You can do any kind of roll or stop you want, platform willing. Whenever selling options I always choose my strikes at prices where I'm pretty confident underlying won't get there, and if it looks like its getting close I'll play the roll game, but usually I'll just start with a rip cord stop loss on the spreads so I don't have to monitor too closely.
So...the article is a little bit overstated. The logic isn't wrong--its better to conditional your spread stops against underlying instead of against contract values. The reason is, as stated, that options move at different rates than underlying. But...especially with a pretty tight spread, your two options end up moving somewhat in step with each other, somewhat canceling out each other's upsides and downsides. Its not exact and if you don't at least try to account for underlying price points (like support/resistance/whatever) when choosing a dollar value to set your spread stop loss you can indeed stop out too early, which is the point of that article.
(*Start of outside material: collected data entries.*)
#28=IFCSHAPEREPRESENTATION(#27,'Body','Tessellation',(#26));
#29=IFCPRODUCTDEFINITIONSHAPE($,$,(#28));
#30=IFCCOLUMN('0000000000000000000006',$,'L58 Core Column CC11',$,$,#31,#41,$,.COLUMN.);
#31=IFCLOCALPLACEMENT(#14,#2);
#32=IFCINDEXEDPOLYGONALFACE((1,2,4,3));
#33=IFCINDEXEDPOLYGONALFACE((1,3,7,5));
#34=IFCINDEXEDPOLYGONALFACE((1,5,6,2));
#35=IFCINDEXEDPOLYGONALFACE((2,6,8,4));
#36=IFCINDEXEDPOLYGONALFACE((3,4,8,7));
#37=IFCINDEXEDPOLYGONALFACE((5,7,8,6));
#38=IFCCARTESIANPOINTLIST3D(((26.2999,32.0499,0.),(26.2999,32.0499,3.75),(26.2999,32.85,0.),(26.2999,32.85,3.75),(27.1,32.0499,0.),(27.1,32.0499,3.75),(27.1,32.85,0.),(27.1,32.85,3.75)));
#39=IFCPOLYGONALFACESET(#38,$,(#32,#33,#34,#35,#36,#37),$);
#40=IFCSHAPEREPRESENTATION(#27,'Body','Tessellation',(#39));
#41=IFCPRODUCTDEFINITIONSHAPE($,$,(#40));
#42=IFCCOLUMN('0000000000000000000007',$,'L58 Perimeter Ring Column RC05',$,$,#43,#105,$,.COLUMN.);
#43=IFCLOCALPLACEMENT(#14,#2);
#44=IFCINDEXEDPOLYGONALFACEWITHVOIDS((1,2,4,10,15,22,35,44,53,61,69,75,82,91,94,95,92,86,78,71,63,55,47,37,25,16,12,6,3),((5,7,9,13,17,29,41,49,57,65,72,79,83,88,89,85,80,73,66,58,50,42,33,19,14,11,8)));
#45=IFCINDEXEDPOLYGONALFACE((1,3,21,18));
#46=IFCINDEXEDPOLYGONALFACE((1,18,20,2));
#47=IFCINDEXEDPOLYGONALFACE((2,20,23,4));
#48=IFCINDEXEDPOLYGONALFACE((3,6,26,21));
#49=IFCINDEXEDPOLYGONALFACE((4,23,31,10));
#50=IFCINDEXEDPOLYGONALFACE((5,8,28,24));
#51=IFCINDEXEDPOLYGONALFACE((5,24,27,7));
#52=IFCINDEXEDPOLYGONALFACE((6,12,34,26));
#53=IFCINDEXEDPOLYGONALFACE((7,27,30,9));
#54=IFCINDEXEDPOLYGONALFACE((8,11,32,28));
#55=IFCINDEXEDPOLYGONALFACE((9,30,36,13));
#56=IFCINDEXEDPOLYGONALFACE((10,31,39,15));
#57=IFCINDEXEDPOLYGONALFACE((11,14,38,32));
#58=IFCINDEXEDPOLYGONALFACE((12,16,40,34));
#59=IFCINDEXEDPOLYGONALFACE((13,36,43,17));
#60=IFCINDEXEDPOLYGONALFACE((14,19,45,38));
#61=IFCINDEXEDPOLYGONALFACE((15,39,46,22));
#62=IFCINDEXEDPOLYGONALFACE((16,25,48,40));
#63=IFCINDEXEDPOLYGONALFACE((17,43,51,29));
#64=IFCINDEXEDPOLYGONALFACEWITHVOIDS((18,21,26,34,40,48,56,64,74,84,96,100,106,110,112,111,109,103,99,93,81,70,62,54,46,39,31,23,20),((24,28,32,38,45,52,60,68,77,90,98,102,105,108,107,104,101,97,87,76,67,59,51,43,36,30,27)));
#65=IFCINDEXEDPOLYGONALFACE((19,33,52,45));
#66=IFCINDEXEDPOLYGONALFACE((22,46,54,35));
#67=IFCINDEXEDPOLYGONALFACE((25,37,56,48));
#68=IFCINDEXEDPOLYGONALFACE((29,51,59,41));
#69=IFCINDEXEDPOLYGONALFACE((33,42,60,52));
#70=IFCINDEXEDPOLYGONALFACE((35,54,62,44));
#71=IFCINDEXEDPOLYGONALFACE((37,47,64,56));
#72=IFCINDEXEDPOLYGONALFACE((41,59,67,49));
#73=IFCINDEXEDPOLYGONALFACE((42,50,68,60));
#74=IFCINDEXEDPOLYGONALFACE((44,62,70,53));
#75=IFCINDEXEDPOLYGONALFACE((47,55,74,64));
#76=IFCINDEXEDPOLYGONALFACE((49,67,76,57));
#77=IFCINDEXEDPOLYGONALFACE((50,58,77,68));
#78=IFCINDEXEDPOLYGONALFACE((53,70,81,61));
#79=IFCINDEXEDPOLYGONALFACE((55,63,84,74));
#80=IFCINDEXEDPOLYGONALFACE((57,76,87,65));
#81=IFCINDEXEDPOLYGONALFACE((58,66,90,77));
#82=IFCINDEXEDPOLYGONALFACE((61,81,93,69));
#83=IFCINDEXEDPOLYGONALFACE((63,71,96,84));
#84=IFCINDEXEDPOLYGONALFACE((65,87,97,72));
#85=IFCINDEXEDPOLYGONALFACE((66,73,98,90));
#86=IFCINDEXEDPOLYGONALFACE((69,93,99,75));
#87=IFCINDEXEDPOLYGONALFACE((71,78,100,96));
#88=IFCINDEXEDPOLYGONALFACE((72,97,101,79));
There's also a major element to this approach where if you don't actually understand which way option prices could go you can actually lose more than you want to, based on exactly the same logic. If you get caught in a super rising volatility scenario with a tanking stock on a put spread (or a naked put) and you have a conditional exit against underlying, the contract value can run up quite a bit before underlying stops the position.
Compare that to stopping against spread profit/loss--Especially if you can set the order against the bid/ask instead of "last" to negate the low volume issue some contracts have--and you're guaranteed to only lose as much as you wanted to lose.
Another problem is that its a more complicated ticket that some brokers simply won't offer. You can't do a stop against a spread in fidelity let alone a conditional against a multi-leg option position. I just poked around Power Etrade for 3 minutes and couldn't find any conditional picks (you can stop against a spread)...not sure if Etrade Pro is any different as I don't use it. The good news is that actual trading brokers (like Tradestation, which I use, and I assume IBKR) let you build all kinds of fun trade tickets.
Don't get me wrong, conditional orders are great, and I use them all the time on options, in exactly this way...just usually only my long positions, not multi-leg positions. For multi-leg if I decide to do a conditional I'll usually just do it against one leg, usually the short leg, basically following the logic I outlined recently upthread. But mostly I just pick a dollar value loss and go with it.
ok, total newbie to options much less the wheel approach. Just learning the lingo has been a process over recent weeks.
I currently do have 100 shares in 1 account (pretax account which helps). I am interested in using the premiums to my advantage with the one main concern: tesla sky rockets past my 30-45 day strike price and no matter how many CSP i run, I am never able to catch up to the stock.
Any advice outside of just don't mess with shares you don't want to have to sell. maybe I should just focus on Apple.....and let my tesla shares in this one account sit.